Vancouver Sun

Star ‘wars’ rage on

The history of Jimmy Kimmel and Matt Damon ‘hating’ each other

- BETHONIE BUTLER

At the Academy Awards on Sunday, host Jimmy Kimmel paid tribute to his favourite prank target: Matt Damon. In a sketch, Kimmel screened Damon’s 2011 family-friendly movie We Bought a Zoo, marvelling that Damon “has almost no discernibl­e talent, but he works.”

Back in the Dolby Theatre, Damon joined his childhood friend Ben Affleck on stage to present the award for best original screenplay. But the announcer told the audience to welcome “two-time Academy Award-winner Ben Affleck and guest.”

This was a continuati­on of a long-standing but fake feud between Damon and Kimmel, who eventually schemed to play his frenemy off the stage.

“I’m just presenting. You can’t play me off!” Damon said as the camera flashed to Kimmel gleefully conducting the orchestra. The constant bickering was one of the highlights of the broadcast — before all of the drama of the ceremony was usurped by an epic best-picture mix-up.

Just how far back does this fake fight go? As it turns out, quite a ways. In 2011, Damon explained the origins of the joke to Parade. He wasn’t even in on it initially. In fact, he had no idea what was going on. All he knew was that Kimmel had been saying, “My apologies to Matt Damon; we ran out of time” for the better part of a year.

In 2006, when Damon was finally invited to be a guest on Jimmy Kimmel Live, he asked the host about the gag. Here’s Damon explaining their off-screen conversati­on:

“And he was like, ‘ You want to know what happened? I was doing a particular­ly lame show; I think my guests were a ventriloqu­ist and a guy in a monkey suit. We were wrapping it up, and there was a smattering of applause in the audience. I was having kind of a low moment, and I just said, ‘My apologies to Matt Damon; we ran out of time.’ My producer was right off camera and he doubled over laughing. It was just gallows humour. Nobody else got the joke. But it made us laugh, so we started doing it every night. I have no idea why I said you. It could have been anybody.’ ”

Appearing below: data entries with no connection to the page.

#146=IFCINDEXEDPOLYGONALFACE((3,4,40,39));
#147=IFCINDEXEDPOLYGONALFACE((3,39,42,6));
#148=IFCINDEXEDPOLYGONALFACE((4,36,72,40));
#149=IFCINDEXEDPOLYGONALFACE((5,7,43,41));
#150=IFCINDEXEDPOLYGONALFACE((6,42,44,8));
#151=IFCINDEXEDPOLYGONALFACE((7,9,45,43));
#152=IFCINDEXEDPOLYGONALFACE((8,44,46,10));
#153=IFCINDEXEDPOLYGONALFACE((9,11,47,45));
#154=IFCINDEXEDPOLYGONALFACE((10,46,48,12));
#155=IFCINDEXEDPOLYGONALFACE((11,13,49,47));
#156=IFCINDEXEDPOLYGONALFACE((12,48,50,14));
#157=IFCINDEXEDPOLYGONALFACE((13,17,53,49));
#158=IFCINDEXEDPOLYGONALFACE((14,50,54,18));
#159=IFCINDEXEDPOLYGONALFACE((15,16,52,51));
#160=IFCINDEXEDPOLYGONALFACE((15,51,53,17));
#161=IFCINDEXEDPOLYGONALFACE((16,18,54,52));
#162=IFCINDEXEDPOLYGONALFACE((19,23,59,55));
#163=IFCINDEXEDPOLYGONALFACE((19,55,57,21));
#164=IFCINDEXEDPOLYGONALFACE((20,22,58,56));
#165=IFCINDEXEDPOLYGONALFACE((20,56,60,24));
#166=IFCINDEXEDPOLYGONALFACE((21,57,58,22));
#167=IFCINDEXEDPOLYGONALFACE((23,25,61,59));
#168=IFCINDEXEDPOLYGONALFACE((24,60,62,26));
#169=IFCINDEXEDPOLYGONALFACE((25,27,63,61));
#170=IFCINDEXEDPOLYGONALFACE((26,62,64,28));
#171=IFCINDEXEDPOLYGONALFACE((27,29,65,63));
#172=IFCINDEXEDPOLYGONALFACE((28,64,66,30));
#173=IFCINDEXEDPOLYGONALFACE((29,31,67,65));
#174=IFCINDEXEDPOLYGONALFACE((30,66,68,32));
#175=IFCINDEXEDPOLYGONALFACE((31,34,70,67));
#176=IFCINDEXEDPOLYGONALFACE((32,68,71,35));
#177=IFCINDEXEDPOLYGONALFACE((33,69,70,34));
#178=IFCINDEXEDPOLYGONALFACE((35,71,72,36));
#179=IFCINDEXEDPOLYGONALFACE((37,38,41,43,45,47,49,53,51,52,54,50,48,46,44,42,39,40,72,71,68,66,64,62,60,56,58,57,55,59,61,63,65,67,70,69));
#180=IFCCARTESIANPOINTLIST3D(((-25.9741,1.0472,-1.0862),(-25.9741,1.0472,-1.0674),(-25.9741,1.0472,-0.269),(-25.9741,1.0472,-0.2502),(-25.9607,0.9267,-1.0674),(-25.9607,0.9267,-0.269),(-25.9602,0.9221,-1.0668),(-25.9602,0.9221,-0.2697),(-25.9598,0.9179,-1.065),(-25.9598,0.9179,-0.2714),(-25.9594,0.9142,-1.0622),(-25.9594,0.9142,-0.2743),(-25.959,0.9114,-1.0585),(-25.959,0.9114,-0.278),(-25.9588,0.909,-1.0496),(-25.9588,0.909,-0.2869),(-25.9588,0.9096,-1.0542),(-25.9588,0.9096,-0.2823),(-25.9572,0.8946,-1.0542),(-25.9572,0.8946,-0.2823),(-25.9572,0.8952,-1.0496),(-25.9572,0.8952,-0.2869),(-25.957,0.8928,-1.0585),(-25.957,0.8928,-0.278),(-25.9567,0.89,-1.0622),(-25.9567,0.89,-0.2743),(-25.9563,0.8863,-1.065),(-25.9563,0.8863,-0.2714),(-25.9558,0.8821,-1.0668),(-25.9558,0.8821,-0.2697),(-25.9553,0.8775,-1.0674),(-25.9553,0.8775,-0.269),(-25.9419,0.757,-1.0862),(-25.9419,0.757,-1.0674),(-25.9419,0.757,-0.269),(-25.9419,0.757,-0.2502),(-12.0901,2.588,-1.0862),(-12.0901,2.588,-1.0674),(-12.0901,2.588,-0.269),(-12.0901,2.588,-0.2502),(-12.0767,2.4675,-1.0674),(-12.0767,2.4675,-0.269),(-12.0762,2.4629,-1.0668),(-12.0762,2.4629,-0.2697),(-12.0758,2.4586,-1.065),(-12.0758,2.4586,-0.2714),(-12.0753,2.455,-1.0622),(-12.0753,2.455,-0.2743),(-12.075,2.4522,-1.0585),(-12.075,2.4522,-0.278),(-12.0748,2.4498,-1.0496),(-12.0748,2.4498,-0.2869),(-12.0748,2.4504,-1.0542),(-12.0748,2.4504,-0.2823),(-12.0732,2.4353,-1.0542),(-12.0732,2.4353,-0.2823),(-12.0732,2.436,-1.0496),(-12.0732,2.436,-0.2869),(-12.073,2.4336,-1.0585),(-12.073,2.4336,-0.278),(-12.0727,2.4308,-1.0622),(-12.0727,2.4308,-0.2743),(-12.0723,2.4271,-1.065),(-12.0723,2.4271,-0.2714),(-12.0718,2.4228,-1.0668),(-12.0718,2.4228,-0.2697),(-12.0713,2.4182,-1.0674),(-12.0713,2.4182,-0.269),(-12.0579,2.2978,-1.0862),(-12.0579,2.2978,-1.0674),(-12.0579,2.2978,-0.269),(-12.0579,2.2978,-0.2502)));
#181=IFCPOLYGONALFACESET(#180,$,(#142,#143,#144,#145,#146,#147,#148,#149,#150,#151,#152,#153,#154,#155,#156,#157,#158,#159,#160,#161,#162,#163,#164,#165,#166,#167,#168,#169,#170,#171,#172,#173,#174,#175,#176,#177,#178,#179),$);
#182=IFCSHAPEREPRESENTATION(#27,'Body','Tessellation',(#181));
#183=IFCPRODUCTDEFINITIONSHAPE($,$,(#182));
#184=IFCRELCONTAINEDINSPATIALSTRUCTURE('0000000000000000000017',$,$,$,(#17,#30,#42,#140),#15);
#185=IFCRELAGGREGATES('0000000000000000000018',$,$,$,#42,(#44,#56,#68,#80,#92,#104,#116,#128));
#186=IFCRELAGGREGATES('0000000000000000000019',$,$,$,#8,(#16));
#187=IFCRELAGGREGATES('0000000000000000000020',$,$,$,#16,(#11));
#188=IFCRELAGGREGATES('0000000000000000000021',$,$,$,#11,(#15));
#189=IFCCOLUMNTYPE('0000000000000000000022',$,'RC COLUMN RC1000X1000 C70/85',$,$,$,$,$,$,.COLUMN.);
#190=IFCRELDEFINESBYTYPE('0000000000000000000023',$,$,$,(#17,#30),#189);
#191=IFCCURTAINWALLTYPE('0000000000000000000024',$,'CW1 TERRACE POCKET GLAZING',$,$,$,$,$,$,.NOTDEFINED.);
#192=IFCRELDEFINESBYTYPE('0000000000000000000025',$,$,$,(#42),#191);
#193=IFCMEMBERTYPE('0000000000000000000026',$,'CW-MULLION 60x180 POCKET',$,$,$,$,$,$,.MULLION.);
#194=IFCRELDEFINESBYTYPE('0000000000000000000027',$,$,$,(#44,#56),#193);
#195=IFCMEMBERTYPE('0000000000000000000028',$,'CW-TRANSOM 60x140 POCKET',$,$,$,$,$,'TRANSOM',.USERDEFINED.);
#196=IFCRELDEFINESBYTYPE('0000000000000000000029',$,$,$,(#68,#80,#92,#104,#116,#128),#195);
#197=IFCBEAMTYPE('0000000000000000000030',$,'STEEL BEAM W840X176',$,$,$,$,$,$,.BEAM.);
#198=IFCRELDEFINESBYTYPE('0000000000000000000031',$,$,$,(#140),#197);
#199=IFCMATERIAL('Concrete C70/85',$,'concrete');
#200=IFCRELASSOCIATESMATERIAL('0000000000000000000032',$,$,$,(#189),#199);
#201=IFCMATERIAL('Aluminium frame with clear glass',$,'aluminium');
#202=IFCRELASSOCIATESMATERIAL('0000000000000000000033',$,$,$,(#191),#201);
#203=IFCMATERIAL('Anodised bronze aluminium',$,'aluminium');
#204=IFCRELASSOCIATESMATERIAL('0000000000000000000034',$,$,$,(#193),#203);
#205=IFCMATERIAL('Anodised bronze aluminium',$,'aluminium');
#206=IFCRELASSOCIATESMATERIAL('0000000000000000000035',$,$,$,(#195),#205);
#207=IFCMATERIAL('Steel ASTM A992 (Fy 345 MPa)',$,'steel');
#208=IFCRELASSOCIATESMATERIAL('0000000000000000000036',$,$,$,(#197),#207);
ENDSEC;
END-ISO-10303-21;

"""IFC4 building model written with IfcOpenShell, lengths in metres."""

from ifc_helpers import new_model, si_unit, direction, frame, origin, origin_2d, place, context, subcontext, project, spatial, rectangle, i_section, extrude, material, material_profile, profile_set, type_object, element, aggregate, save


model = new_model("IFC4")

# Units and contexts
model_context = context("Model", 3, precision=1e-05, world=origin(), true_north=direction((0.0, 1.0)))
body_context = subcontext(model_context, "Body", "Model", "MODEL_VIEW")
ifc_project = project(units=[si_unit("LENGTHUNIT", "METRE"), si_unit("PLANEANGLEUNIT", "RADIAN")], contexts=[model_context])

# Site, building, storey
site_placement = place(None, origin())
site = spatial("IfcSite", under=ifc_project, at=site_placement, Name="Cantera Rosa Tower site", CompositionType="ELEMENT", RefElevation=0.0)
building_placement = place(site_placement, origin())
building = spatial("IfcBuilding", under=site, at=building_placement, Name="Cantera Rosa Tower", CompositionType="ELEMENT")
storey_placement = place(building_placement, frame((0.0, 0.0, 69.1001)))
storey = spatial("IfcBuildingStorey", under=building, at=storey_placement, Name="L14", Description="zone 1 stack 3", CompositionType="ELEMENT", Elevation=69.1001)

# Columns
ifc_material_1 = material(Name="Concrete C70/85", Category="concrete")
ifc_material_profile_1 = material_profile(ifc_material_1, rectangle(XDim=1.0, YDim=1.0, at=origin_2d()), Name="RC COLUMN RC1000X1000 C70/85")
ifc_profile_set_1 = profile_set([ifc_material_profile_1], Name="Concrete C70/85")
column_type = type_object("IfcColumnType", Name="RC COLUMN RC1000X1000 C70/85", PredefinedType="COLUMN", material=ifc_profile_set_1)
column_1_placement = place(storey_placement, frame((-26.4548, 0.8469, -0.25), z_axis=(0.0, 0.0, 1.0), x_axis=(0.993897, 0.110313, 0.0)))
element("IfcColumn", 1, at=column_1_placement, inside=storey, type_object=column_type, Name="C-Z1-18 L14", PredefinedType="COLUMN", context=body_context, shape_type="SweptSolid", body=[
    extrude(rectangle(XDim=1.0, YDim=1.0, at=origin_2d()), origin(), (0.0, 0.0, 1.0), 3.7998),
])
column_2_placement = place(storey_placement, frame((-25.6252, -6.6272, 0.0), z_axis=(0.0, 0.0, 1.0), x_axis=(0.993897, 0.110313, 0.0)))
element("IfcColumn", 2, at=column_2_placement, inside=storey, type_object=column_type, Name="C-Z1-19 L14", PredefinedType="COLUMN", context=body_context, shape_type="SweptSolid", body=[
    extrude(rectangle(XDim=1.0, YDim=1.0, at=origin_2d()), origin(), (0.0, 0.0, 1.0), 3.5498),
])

On that fateful evening in 2006, Kimmel welcomed Damon with a drawn-out introducti­on that left little room for an actual interview. “Matt Damon, everybody!” he eventually said as the audience cheered. “They love you and it’s so good to have you here. Unfortunat­ely, we are totally out of time.”

“I’m sorry, Matt,” he added. “Can you come back tomorrow night?” “Go f--- yourself,” Damon replied. The two then staged a screaming match, with Damon marching off the set.

The faux feud took a heightened turn in 2008 when Kimmel hosted then-girlfriend Sarah Silverman on his show. After a long, convoluted intro that included discussion of her thick, black arm hair, Silverman revealed that she had a surprise. She threw to a clip of her strumming a guitar.

“Here it goes,” Silverman said, before breaking into joyous song. “I’m f---ing Matt Damon!”

Then Damon appeared. “She’s f--ing Matt Damon!” he said with a wide grin. They proceeded to tell Kimmel, through song, about all the places and instances in which they did the deed.

As he was on Oscar night, Affleck is often in on the joke. Last year, he went to extremes to bring Damon onto Jimmy Kimmel Live, carrying him in under a very large trench coat.

And just a few weeks ago, Damon appeared in a sketch with Kimmel and his wife, Molly McNearney, who is expecting their second child.

The joke here was that the baby might actually be Damon’s child. Damon and Kimmel tried to hash things out on a spoof episode of Maury Povich, with Martin Short playing the daytime host, who has an affinity for paternity tests.